With the Bank of England now announcing the biggest-ever hike in interest rates in over three decades, many are wondering how this will affect them and their finances.

This announcement comes amid the cost of living crisis which is causing many households to struggle with high inflation and the rise in the cost of fuel.

The Bank of England, the country's central bank, announced measures to alleviate UK inflation by increasing interest rates for credit card debt, mortgages, and more.

So, what does this mean for the average person in the UK?

How will interest rates affect my mortgage?

The Bank of England announcement will see the money paid back to the bank from your mortgage payments increase.

Interest rates will rise to 3%, the highest since Black Wednesday in 1992. This would increase the money being paid back by homeowners with a mortgage.

Repayments for the average UK mortgage holder are set to rise by £52 per month.

However, those with a fixed rate agreement will pay the same throughout the length of their deal regardless of what happens to interest rates.

How will interest rates affect my credit card debt?

Much like mortgages, the repayments for credit cards will increase due to the interest on this debt rising as well.

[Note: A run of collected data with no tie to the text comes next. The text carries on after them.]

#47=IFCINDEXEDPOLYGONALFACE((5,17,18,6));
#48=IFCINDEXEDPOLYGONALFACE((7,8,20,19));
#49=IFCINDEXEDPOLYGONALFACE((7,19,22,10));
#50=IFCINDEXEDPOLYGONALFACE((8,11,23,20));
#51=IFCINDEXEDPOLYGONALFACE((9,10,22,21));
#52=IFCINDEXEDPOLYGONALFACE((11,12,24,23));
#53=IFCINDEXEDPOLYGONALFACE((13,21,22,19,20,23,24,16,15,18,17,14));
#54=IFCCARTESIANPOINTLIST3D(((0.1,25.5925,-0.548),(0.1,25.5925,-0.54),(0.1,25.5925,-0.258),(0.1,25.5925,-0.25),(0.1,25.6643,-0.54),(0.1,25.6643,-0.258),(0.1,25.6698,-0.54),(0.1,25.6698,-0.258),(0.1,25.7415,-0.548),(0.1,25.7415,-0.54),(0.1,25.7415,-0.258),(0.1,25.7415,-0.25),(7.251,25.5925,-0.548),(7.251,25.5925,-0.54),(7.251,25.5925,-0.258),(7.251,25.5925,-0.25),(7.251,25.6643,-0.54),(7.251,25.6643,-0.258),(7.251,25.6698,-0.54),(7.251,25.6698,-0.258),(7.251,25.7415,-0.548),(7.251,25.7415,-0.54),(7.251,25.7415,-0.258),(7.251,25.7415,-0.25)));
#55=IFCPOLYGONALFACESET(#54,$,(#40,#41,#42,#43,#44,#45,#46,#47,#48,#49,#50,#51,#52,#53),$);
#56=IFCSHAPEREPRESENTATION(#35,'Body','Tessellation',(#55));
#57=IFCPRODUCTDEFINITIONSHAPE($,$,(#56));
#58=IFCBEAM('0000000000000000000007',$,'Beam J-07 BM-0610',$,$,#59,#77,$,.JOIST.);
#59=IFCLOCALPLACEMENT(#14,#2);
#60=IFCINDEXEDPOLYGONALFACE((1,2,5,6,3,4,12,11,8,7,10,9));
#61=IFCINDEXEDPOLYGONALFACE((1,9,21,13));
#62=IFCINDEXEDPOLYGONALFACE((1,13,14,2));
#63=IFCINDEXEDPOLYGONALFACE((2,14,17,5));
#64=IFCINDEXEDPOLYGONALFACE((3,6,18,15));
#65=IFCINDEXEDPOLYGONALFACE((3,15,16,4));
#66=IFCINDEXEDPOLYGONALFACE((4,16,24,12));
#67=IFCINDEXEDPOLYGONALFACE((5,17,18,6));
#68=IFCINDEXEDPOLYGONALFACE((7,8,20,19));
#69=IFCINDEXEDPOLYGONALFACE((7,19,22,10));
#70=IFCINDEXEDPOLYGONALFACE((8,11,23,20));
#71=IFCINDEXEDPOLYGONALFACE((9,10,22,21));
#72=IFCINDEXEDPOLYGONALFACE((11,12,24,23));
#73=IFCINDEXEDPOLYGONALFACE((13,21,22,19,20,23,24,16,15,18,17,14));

This means credit card users can expect to pay more every month on their repayments.

To find out more and how best to pay this credit card debt off, please read: Bank of England Interest Rates: Will inflation affect credit card debt?

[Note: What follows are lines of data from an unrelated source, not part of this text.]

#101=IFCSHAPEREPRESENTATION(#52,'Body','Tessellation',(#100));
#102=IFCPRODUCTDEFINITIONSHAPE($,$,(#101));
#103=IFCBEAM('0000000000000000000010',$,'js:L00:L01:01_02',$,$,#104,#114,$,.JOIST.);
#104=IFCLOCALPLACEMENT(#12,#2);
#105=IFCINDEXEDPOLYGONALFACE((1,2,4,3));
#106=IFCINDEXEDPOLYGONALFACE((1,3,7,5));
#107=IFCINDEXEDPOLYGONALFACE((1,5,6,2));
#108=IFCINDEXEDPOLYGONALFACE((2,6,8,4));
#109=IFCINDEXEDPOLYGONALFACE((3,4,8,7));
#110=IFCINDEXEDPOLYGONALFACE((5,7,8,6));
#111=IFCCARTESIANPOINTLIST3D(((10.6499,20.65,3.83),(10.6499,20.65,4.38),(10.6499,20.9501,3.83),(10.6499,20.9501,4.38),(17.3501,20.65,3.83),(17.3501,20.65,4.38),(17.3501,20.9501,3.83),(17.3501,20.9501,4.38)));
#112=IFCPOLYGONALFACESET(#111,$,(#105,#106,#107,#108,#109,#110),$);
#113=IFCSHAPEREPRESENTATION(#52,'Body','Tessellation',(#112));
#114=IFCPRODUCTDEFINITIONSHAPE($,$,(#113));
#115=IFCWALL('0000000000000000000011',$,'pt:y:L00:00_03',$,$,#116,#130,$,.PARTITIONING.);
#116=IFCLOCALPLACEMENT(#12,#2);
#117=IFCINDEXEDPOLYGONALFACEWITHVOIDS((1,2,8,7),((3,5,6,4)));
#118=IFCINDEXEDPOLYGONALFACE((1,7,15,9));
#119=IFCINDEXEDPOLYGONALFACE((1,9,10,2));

How will interest rates affect my savings accounts?

A rate rise could potentially lead to higher interest on savings accounts but this rise would be far below inflation (which stands at 10.1%), meaning bank account holders would still be netting a loss.

Many experts recommend paying off high-interest debt as interest rates for borrowing are higher compared to savings deals.

Some are also recommending that those with a mortgage could use any lump sum cash to make a mortgage overpayment, potentially saving money from interest in the long run.